A globalização da bola e a migração de jogadores são responsáveis pela indiscutível melhoria no desempenho das seleções dos menores centros. Jogos fáceis, em competições como a Copa do Mundo, já são e ficarão cada vez mais raros. Mas não se muda a história do esporte de uma hora para outra. Quando Pelé, Beckenbauer, Carlos Alberto e o canastrão do Chinaglia foram para o New York Cosmos, falava-se que em uma década o futebol jogado nos Estados Unidos daria um salto de qualidade. Isso aconteceu há quase quarenta anos, e a seleção americana acaba de ser massacrada pela da Bélgica, mostrando um time taticamente disciplinado mas sem um pingo de talento. Isto não quer dizer que Brasil, Alemanha e Argentina serão para sempre os melhores, ninguém sabe, mas as mudanças demoram.
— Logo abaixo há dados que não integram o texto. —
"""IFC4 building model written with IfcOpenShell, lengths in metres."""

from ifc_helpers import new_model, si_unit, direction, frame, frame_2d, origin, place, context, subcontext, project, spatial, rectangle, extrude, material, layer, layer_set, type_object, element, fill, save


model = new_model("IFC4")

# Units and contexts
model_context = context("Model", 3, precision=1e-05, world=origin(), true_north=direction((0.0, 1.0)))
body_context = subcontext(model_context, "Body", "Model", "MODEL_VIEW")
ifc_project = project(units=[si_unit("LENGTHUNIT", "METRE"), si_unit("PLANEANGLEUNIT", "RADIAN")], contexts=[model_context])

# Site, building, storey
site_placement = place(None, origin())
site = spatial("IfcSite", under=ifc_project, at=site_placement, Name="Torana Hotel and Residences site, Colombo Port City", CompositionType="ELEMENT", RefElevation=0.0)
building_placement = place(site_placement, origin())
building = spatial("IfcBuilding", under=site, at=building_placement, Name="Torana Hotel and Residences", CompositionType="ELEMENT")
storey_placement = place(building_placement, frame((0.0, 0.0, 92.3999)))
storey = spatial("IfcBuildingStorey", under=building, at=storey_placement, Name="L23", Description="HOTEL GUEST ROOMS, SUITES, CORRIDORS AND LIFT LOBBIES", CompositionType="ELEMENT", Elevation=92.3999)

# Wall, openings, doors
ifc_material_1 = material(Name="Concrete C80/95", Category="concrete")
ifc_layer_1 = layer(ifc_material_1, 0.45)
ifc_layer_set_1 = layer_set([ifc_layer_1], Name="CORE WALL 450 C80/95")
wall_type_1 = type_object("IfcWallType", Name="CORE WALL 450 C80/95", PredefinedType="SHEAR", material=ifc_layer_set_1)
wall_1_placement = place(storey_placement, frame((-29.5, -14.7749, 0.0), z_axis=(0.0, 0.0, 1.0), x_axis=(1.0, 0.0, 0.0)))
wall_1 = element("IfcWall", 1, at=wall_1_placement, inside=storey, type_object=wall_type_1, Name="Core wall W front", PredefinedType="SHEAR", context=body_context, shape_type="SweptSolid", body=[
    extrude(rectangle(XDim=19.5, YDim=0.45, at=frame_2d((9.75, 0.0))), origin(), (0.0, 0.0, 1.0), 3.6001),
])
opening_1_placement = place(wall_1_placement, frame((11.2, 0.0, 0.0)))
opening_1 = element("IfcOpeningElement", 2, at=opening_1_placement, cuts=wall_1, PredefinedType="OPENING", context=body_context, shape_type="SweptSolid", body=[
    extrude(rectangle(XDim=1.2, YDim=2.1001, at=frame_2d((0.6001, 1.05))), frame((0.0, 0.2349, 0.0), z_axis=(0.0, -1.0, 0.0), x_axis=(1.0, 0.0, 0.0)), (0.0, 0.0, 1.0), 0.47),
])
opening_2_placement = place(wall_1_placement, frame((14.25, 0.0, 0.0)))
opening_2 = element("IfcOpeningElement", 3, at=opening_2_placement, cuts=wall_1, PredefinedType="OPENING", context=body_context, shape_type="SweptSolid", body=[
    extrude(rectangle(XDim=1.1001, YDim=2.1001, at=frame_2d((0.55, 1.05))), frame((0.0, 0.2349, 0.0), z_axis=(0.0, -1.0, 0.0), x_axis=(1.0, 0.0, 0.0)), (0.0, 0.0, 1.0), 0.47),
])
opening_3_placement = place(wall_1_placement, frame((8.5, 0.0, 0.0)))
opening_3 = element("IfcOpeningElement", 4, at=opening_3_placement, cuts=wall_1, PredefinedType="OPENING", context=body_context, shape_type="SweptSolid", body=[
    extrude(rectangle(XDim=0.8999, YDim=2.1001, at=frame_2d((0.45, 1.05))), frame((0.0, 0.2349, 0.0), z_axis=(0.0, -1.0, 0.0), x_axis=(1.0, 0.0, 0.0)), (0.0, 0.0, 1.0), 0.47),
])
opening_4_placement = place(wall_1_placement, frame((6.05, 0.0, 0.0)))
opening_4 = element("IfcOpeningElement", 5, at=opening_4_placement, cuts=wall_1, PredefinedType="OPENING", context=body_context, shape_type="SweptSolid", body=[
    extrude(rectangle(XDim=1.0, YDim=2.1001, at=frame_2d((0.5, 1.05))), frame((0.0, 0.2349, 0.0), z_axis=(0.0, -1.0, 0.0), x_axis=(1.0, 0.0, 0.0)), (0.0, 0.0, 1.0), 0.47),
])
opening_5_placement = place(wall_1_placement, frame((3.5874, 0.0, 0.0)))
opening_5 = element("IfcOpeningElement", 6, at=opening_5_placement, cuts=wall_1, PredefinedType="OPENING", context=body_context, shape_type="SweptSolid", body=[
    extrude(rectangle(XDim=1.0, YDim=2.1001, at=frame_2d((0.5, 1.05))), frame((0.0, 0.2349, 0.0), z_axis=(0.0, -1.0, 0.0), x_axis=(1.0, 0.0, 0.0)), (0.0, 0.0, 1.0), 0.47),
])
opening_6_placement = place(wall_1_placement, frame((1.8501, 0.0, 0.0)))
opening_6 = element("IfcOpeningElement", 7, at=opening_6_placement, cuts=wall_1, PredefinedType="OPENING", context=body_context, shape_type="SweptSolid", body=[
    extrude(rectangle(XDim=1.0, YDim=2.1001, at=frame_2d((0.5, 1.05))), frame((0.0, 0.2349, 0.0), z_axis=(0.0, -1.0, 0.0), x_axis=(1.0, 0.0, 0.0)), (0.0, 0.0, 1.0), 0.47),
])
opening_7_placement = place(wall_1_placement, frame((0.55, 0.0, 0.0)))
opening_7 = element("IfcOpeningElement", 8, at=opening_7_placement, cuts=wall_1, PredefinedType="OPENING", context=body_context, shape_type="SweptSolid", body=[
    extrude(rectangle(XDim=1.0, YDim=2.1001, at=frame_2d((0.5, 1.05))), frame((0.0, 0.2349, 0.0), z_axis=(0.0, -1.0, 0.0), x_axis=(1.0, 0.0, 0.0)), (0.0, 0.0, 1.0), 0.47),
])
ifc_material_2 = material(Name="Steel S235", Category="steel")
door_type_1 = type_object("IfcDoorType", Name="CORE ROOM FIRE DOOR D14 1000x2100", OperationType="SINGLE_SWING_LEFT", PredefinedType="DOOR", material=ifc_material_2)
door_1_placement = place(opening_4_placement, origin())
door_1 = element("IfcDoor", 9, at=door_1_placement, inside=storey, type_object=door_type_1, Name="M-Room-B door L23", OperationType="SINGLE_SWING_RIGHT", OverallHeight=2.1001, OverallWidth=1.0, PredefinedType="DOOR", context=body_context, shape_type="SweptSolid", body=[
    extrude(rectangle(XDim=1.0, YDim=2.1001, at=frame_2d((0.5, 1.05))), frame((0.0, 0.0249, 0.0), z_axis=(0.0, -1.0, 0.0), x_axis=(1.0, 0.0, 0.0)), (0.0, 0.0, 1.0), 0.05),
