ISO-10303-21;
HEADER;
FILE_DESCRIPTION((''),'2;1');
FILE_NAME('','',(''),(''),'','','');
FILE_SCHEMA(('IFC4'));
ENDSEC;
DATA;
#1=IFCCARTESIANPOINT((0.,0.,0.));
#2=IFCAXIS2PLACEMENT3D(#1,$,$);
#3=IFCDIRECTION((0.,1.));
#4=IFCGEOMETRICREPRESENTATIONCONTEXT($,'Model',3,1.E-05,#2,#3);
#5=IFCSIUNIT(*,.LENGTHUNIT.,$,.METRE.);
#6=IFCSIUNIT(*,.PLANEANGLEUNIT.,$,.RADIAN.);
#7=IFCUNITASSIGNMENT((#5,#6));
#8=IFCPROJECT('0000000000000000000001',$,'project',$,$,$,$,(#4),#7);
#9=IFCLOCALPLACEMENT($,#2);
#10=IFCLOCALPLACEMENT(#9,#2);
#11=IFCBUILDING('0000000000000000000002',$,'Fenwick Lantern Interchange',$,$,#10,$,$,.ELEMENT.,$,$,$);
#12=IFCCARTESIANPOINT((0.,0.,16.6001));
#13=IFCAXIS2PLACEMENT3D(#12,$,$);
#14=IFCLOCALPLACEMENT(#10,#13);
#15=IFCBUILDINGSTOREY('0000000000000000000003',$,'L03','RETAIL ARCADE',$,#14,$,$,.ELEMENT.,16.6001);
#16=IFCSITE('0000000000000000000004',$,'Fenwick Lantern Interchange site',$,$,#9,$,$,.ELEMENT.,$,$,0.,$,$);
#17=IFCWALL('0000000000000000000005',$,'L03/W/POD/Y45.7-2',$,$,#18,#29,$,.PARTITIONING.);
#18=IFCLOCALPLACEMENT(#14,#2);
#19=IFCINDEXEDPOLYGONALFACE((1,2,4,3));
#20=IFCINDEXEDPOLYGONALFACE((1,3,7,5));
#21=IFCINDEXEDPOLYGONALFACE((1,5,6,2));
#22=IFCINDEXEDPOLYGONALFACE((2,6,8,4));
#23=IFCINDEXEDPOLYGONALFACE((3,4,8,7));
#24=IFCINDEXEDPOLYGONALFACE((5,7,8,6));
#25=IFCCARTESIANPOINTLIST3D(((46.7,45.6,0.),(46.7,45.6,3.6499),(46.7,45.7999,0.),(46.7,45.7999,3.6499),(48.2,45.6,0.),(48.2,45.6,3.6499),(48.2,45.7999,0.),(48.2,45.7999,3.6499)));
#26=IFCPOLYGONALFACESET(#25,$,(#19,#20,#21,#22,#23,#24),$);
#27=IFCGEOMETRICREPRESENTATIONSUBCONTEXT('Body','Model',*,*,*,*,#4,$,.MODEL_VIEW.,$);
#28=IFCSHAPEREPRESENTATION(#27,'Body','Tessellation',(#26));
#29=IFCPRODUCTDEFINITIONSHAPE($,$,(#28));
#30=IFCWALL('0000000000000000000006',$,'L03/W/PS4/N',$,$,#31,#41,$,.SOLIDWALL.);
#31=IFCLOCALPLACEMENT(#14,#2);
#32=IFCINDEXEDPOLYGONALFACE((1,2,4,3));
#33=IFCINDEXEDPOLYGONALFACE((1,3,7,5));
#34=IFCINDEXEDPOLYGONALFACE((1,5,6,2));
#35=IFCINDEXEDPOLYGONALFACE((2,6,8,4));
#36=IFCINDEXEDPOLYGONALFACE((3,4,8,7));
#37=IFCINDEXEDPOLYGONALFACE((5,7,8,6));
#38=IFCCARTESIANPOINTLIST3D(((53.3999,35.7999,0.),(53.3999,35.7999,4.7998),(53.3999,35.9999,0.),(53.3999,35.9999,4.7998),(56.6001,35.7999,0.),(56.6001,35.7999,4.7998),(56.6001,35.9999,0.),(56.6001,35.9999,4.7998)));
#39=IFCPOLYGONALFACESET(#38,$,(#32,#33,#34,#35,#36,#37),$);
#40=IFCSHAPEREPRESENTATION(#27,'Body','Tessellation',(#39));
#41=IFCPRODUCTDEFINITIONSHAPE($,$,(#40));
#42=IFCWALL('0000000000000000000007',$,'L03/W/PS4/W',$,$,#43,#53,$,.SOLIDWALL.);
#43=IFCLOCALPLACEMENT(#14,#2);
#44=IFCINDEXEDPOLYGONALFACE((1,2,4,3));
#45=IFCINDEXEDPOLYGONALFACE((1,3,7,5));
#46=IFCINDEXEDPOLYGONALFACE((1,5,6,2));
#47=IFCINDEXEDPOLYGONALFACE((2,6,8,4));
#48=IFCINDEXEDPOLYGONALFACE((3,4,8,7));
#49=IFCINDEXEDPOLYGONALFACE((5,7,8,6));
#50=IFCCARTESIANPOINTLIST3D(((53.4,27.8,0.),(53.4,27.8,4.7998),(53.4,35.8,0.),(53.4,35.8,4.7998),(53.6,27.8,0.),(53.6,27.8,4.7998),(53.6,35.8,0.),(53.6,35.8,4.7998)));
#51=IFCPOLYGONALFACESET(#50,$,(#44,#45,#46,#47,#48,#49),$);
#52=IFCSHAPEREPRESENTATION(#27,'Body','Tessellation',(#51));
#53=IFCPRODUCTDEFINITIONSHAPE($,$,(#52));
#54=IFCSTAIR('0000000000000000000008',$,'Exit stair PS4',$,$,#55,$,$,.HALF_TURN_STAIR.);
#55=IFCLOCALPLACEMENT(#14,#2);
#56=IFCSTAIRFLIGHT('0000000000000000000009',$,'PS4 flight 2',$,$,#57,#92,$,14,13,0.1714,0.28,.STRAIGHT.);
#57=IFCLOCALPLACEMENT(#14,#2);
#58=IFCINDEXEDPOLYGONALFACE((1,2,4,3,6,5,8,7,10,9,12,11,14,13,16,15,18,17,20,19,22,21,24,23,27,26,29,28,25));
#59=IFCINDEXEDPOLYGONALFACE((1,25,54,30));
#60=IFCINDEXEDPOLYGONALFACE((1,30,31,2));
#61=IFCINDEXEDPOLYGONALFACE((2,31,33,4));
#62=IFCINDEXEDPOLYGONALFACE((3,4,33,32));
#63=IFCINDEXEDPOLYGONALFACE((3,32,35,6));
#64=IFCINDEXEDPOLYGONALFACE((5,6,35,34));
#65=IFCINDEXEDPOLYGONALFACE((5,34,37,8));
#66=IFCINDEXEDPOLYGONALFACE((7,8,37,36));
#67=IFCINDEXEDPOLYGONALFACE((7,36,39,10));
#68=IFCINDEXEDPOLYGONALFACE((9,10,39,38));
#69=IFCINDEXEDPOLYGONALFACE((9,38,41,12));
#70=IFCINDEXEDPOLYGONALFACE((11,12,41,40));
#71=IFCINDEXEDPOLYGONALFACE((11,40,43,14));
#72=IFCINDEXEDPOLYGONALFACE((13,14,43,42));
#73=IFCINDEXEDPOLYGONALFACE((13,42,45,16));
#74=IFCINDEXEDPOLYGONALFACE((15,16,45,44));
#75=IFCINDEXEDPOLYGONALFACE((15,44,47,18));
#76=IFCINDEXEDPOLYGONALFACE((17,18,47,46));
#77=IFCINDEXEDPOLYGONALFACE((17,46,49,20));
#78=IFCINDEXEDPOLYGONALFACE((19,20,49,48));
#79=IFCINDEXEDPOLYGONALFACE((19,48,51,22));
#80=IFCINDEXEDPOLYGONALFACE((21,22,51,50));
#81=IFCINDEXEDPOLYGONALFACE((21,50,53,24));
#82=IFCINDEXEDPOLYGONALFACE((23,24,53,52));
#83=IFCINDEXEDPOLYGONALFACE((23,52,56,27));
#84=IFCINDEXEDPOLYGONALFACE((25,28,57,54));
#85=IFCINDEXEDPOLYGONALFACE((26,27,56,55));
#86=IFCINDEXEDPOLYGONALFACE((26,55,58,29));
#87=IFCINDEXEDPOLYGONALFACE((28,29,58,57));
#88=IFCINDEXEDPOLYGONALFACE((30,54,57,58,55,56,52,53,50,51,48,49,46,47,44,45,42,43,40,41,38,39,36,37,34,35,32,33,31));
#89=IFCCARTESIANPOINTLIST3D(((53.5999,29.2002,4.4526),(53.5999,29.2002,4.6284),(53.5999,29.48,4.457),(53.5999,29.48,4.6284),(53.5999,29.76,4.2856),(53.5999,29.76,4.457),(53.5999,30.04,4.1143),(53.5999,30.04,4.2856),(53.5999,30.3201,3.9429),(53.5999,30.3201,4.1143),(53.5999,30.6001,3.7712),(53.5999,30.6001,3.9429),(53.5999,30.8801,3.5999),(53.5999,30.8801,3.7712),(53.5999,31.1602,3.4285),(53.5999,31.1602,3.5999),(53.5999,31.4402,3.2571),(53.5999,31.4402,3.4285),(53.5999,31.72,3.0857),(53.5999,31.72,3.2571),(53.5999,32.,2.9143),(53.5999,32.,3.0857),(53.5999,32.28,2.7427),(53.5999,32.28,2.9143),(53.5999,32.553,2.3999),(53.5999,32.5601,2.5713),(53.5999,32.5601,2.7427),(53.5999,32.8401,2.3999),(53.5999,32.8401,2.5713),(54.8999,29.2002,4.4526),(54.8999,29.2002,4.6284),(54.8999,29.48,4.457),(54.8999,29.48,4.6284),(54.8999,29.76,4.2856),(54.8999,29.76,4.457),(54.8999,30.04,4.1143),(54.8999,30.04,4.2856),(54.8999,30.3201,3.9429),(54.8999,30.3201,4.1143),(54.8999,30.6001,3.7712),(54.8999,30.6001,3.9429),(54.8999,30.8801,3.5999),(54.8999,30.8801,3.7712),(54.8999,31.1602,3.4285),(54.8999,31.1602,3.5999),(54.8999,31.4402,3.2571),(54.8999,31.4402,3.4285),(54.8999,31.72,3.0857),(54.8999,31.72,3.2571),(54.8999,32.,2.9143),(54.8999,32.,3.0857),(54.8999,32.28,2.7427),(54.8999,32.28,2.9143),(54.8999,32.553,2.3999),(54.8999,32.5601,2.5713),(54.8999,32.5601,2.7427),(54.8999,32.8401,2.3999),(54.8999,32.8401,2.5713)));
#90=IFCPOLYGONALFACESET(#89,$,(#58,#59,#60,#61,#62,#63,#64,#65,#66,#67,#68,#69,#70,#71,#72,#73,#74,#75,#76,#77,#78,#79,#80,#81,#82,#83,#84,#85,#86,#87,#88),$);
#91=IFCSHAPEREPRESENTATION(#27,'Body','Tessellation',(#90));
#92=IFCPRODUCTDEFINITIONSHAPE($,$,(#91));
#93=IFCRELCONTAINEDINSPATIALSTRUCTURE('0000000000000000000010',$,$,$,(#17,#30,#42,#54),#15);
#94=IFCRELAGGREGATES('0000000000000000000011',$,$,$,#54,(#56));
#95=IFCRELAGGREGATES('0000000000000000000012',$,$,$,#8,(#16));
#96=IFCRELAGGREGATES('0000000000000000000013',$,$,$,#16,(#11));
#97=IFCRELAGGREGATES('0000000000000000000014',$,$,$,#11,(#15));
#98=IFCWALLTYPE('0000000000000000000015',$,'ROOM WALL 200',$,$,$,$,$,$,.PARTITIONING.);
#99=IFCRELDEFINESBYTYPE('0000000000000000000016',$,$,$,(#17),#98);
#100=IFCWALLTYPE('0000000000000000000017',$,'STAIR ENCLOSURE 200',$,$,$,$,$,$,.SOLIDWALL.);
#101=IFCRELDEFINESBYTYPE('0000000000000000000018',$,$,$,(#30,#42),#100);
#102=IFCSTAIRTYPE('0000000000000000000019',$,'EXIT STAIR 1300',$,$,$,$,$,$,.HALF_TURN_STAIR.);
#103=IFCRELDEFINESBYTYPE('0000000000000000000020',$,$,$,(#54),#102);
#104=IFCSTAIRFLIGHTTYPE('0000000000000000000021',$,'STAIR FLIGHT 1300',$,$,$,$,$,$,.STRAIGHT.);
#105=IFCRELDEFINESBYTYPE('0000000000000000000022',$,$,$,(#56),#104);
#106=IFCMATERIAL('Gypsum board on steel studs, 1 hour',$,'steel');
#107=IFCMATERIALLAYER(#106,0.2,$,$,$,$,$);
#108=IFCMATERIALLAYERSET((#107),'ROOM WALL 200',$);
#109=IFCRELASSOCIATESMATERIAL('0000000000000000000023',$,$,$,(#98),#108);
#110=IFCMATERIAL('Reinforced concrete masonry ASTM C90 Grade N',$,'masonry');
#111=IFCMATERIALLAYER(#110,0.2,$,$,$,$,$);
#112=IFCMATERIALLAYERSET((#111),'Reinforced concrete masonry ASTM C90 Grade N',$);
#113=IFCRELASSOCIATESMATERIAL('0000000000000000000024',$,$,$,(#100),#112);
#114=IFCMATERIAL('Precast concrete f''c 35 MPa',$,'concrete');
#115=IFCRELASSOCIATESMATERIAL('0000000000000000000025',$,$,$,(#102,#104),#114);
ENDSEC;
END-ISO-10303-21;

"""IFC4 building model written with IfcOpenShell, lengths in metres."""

from ifc_helpers import new_model, si_unit, direction, frame, frame_2d, origin, place, context, subcontext, project, spatial, polyline, rectangle, outline, extrude, material, layer, layer_set, type_object, element, aggregate, save


model = new_model("IFC4")

# Units and contexts
model_context = context("Model", 3, precision=1e-05, world=origin(), true_north=direction((0.0, 1.0)))
body_context = subcontext(model_context, "Body", "Model", "MODEL_VIEW")
ifc_project = project(units=[si_unit("LENGTHUNIT", "METRE"), si_unit("PLANEANGLEUNIT", "RADIAN")], contexts=[model_context])

# Site, building, storey
site_placement = place(None, origin())
site = spatial("IfcSite", under=ifc_project, at=site_placement, Name="Fenwick Lantern Interchange site", CompositionType="ELEMENT", RefElevation=0.0)
building_placement = place(site_placement, origin())
building = spatial("IfcBuilding", under=site, at=building_placement, Name="Fenwick Lantern Interchange", CompositionType="ELEMENT")
storey_placement = place(building_placement, frame((0.0, 0.0, 16.6001)))
storey = spatial("IfcBuildingStorey", under=building, at=storey_placement, Name="L03", Description="RETAIL ARCADE", CompositionType="ELEMENT", Elevation=16.6001)

# Shared definitions
ifc_material_1 = material(Name="Gypsum board on steel studs, 1 hour", Category="steel")
ifc_layer_1 = layer(ifc_material_1, 0.2)
ifc_layer_set_1 = layer_set([ifc_layer_1], Name="ROOM WALL 200")
wall_type_1 = type_object("IfcWallType", Name="ROOM WALL 200", PredefinedType="PARTITIONING", material=ifc_layer_set_1)

# Walls
wall_1_placement = place(storey_placement, frame((46.7, 45.7, 0.0), z_axis=(0.0, 0.0, 1.0), x_axis=(1.0, 0.0, 0.0)))
element("IfcWall", 1, at=wall_1_placement, inside=storey, type_object=wall_type_1, Name="L03/W/POD/Y45.7-2", PredefinedType="PARTITIONING", context=body_context, shape_type="SweptSolid", body=[
    extrude(rectangle(XDim=1.5, YDim=0.2, at=frame_2d((0.75, 0.0))), origin(), (0.0, 0.0, 1.0), 3.6499),
])
ifc_material_2 = material(Name="Reinforced concrete masonry ASTM C90 Grade N", Category="masonry")
ifc_layer_2 = layer(ifc_material_2, 0.2)
ifc_layer_set_2 = layer_set([ifc_layer_2], Name="Reinforced concrete masonry ASTM C90 Grade N")
wall_type_2 = type_object("IfcWallType", Name="STAIR ENCLOSURE 200", PredefinedType="SOLIDWALL", material=ifc_layer_set_2)
wall_2_placement = place(storey_placement, frame((56.6001, 35.8999, 0.0), z_axis=(0.0, 0.0, 1.0), x_axis=(-1.0, 0.0, 0.0)))
element("IfcWall", 2, at=wall_2_placement, inside=storey, type_object=wall_type_2, Name="L03/W/PS4/N", PredefinedType="SOLIDWALL", context=body_context, shape_type="SweptSolid", body=[
    extrude(rectangle(XDim=3.2002, YDim=0.2, at=frame_2d((1.6001, 0.0))), origin(), (0.0, 0.0, 1.0), 4.7998),
])
wall_3_placement = place(storey_placement, frame((53.5, 35.8, 0.0), z_axis=(0.0, 0.0, 1.0), x_axis=(0.0, -1.0, 0.0)))
element("IfcWall", 3, at=wall_3_placement, inside=storey, type_object=wall_type_2, Name="L03/W/PS4/W", PredefinedType="SOLIDWALL", context=body_context, shape_type="SweptSolid", body=[
    extrude(rectangle(XDim=8.0, YDim=0.2, at=frame_2d((4.0, 0.0))), origin(), (0.0, 0.0, 1.0), 4.7998),
])

# Stair, stair flight
ifc_material_3 = material(Name="Precast concrete f'c 35 MPa", Category="concrete")
stair_type = type_object("IfcStairType", Name="EXIT STAIR 1300", PredefinedType="HALF_TURN_STAIR", material=ifc_material_3)
stair_placement = place(storey_placement, origin())
stair = element("IfcStair", 4, at=stair_placement, inside=storey, type_object=stair_type, Name="Exit stair PS4", PredefinedType="HALF_TURN_STAIR")
stair_flight_type = type_object("IfcStairFlightType", Name="STAIR FLIGHT 1300", PredefinedType="STRAIGHT", material=ifc_material_3)
stair_flight_placement = place(storey_placement, frame((54.25, 32.8401, 2.3999), z_axis=(0.0, 0.0, 1.0), x_axis=(0.0, -1.0, 0.0)))
stair_flight = element("IfcStairFlight", 5, at=stair_flight_placement, type_object=stair_flight_type, Name="PS4 flight 2", NumberOfRisers=14, NumberOfTreads=13, PredefinedType="STRAIGHT", RiserHeight=0.1714, TreadLength=0.28, context=body_context, shape_type="SweptSolid", body=[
Óbvio número 3. Estar em ligas milionárias, participar das competições mais disputadas e ter adversários de qualidade são, e ninguém é louco de pensar o contrário, fatores que ajudam um jogador a evoluir. Mas há limites. No final dos anos sessenta, o XV de Novembro de Piracicaba tinha um zagueiro chamado Piloto. Ele passava o ano inteiro enfrentando Pelé, Rivellino, Leivinha, Ademir da Guia. Isso não fez de Piloto um grande zagueiro.
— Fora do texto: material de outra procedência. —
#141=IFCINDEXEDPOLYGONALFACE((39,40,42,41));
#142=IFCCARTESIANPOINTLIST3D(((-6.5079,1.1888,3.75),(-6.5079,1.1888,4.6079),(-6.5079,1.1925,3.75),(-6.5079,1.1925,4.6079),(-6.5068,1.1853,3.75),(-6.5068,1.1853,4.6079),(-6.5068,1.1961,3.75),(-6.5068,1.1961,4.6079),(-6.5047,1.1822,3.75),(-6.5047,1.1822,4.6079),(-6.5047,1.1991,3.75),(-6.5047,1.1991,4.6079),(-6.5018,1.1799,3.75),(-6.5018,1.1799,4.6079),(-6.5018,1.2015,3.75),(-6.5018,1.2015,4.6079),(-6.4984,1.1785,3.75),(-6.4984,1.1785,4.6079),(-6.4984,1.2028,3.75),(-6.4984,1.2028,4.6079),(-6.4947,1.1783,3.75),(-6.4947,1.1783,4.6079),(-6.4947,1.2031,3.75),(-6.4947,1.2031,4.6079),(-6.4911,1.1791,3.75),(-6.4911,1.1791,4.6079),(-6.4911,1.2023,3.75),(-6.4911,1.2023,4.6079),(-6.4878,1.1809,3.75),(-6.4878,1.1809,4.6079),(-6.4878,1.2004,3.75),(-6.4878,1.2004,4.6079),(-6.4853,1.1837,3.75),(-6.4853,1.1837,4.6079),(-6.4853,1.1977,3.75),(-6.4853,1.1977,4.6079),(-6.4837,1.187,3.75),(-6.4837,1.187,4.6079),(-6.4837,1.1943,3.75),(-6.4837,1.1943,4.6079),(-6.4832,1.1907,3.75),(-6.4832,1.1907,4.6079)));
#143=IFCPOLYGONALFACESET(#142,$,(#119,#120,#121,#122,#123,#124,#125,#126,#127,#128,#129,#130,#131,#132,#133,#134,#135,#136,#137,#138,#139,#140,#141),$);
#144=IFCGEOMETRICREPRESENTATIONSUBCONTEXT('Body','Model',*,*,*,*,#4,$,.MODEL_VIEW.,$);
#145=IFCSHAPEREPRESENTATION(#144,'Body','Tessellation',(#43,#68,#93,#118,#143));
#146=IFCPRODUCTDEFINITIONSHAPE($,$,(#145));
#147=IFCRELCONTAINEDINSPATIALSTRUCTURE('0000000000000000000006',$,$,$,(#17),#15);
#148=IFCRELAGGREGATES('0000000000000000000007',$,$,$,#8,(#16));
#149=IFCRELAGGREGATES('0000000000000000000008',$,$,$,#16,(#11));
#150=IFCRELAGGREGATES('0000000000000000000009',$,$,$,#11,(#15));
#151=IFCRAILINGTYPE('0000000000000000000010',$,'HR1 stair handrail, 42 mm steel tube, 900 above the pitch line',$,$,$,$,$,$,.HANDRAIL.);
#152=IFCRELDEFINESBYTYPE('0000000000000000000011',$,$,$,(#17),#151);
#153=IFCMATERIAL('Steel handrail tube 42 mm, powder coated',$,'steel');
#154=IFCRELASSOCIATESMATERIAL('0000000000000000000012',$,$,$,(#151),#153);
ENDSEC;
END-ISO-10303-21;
Óbvio número 4. Não é caso perdido, mas estamos taticamente atrasados. Em um esporte coletivo, bons técnicos são capazes de organizar times mais fracos de modo a reduzir as diferenças na qualidade individual dos jogadores. Pode até não resolver, mas aumenta a chance de complicar. Nós não temos isso e parece que nossos treinadores vivem de rezas e motivação. Além disso, falta o diabo da atitude. Qual técnico brasileiro seria capaz de fazer o que o holandês Van Gaal fez, a um minuto da disputa de pênaltis contra a Costa Rica? (Registre-se: sob os veementes protestos da dupla de comentaristas Caio Ribeiro e Roberto Carlos.) Se é preciso levar nossos jogadores para se aprimorar lá fora, pelo menos enquanto não tivermos grana suficiente para montarmos um grande campeonato aqui – se é que um dia teremos –, por que não estender essa necessidade aos treinadores? Que técnico brasileiro trabalha hoje em um dos grandes centros do futebol mundial? O treinador do Atlético de Madrid, campeão espanhol da última temporada, é o argentino Diego Simeone. O do Manchester City, campeão inglês, é o chileno Manuel Pellegrini.

Óbvio número 5. Robben, Van Persie, James Rodrigues, Cuadrado, Luiz Suárez, Cavani, Rooney, Benzema, Aguero, Balotelli, Shaqiri, Thomas Muller, Ozil, Hazard, todos são bons jogadores. Nenhum deles é craque. Muitíssimo devagar com esse andor, porque craque é outro papo.